There are a couple different types of resets. You can try the "soft reset" before doing a "hard reset" on the off chance that you can fix the problem without re-entering any settings. But it's also worth pointing out that handhelds deal with settings differently than fitness models. Handhelds have a bunch of factory defaults (few of which I have ever changed on any handheld I own), but don't necessarily require you to enter settings immediately on first startup the way fitness models do. On the fitness models, there are some settings that don't have a default, as there are some metrics that are determined based on information about YOU, the user. And so you're REQUIRED to enter something the first time you boot the device. If you wipe the settings, you'll figure that out really quickly when your device starts asking you those questions again.
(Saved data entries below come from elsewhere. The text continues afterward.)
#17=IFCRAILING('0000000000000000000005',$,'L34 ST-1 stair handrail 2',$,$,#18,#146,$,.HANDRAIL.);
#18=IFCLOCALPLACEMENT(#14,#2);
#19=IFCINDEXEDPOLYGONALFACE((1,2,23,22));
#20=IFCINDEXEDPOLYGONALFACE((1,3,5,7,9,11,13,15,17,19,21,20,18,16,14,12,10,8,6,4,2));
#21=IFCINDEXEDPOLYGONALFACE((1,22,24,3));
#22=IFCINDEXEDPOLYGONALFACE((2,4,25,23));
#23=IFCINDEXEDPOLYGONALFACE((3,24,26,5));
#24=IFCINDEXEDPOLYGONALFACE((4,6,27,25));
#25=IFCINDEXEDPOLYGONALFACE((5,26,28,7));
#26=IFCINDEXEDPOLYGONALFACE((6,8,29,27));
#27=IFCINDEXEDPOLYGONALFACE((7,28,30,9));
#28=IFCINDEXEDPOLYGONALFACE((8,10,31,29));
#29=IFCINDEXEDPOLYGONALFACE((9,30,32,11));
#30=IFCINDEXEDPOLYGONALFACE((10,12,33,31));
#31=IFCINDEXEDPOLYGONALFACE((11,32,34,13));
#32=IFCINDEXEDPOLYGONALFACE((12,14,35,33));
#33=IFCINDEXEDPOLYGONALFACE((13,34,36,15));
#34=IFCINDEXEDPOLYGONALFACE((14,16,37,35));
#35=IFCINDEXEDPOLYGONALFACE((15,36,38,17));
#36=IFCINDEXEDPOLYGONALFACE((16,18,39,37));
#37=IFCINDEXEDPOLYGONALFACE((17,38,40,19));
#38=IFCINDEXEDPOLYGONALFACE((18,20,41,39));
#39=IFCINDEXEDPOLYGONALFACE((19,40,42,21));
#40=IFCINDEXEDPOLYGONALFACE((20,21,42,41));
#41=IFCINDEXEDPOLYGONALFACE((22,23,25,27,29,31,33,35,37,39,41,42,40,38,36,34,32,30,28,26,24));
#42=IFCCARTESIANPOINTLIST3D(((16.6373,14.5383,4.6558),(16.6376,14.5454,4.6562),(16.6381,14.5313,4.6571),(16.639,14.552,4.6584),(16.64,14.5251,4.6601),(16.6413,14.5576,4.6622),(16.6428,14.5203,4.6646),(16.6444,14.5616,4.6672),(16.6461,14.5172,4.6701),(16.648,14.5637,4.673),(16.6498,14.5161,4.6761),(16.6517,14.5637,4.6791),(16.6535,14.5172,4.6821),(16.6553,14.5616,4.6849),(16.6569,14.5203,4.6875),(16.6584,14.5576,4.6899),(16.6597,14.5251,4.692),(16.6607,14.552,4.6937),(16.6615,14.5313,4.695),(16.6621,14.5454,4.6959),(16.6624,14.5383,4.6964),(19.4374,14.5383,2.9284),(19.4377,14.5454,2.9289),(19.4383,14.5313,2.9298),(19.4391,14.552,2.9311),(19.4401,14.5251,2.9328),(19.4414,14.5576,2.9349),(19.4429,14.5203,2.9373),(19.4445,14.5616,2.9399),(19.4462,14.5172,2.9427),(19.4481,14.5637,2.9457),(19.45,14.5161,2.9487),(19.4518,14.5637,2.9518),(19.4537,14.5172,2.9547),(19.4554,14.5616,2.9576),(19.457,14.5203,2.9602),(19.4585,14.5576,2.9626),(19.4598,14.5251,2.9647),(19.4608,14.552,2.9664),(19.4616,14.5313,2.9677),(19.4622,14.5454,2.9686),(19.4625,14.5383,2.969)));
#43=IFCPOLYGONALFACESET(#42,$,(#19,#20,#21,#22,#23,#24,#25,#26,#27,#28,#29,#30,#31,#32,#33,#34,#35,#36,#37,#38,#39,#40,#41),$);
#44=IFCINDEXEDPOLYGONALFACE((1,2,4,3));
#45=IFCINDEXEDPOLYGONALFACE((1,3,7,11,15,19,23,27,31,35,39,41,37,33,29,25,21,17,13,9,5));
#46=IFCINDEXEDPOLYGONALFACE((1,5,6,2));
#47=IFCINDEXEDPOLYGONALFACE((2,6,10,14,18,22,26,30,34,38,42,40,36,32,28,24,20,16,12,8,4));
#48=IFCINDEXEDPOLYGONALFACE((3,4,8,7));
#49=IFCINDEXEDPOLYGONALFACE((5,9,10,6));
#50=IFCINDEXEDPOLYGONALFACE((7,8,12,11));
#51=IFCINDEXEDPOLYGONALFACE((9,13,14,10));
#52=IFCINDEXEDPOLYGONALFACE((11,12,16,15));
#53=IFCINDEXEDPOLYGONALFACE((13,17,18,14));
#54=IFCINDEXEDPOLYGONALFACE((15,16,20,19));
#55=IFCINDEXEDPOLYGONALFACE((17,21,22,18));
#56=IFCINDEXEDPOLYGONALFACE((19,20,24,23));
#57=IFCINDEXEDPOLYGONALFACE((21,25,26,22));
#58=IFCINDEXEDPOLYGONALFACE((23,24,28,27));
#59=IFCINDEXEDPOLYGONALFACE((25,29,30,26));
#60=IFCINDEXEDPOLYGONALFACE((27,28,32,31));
It's definitely true that there are lots of things that can muck up Bluetooth. I find it just flaky enough that I'd never rely on it for my primary data transfer method. I use it occasionally, but my preferred method is to plug my Edge into my computer for both data transfer and charging duties. At least it isn't as flaky as using ANT+ as the ONLY POSSIBLE data transfer method, like my Forerunner 310xt watch. THAT was a really bad idea on Garmin's part.


----------



## jkirby (Nov 1, 2008)

Thanks everyone for the help. I pulled off all data, did a hard reset, and it seems to be working as intended. All setup and configurations had to be re-done (still working some of that). Looks like I will use Bluetooth only when I have no hardwired option. Going riding tomorrow - we’ll see if I can capture the track and get it into Garmin Connect. Thanks again.


----------



## Klippies (Feb 13, 2021)

Hi everyone,
I have a etrex 35 and today whilst navigating around on it it suddenly, after changing batteries, won't go past the start up screen or allow me to switch off.The only way I can switch off is by removing battery.
I have tried all the resets that you guys have mentioned and have not succeeded?
Thanks


----------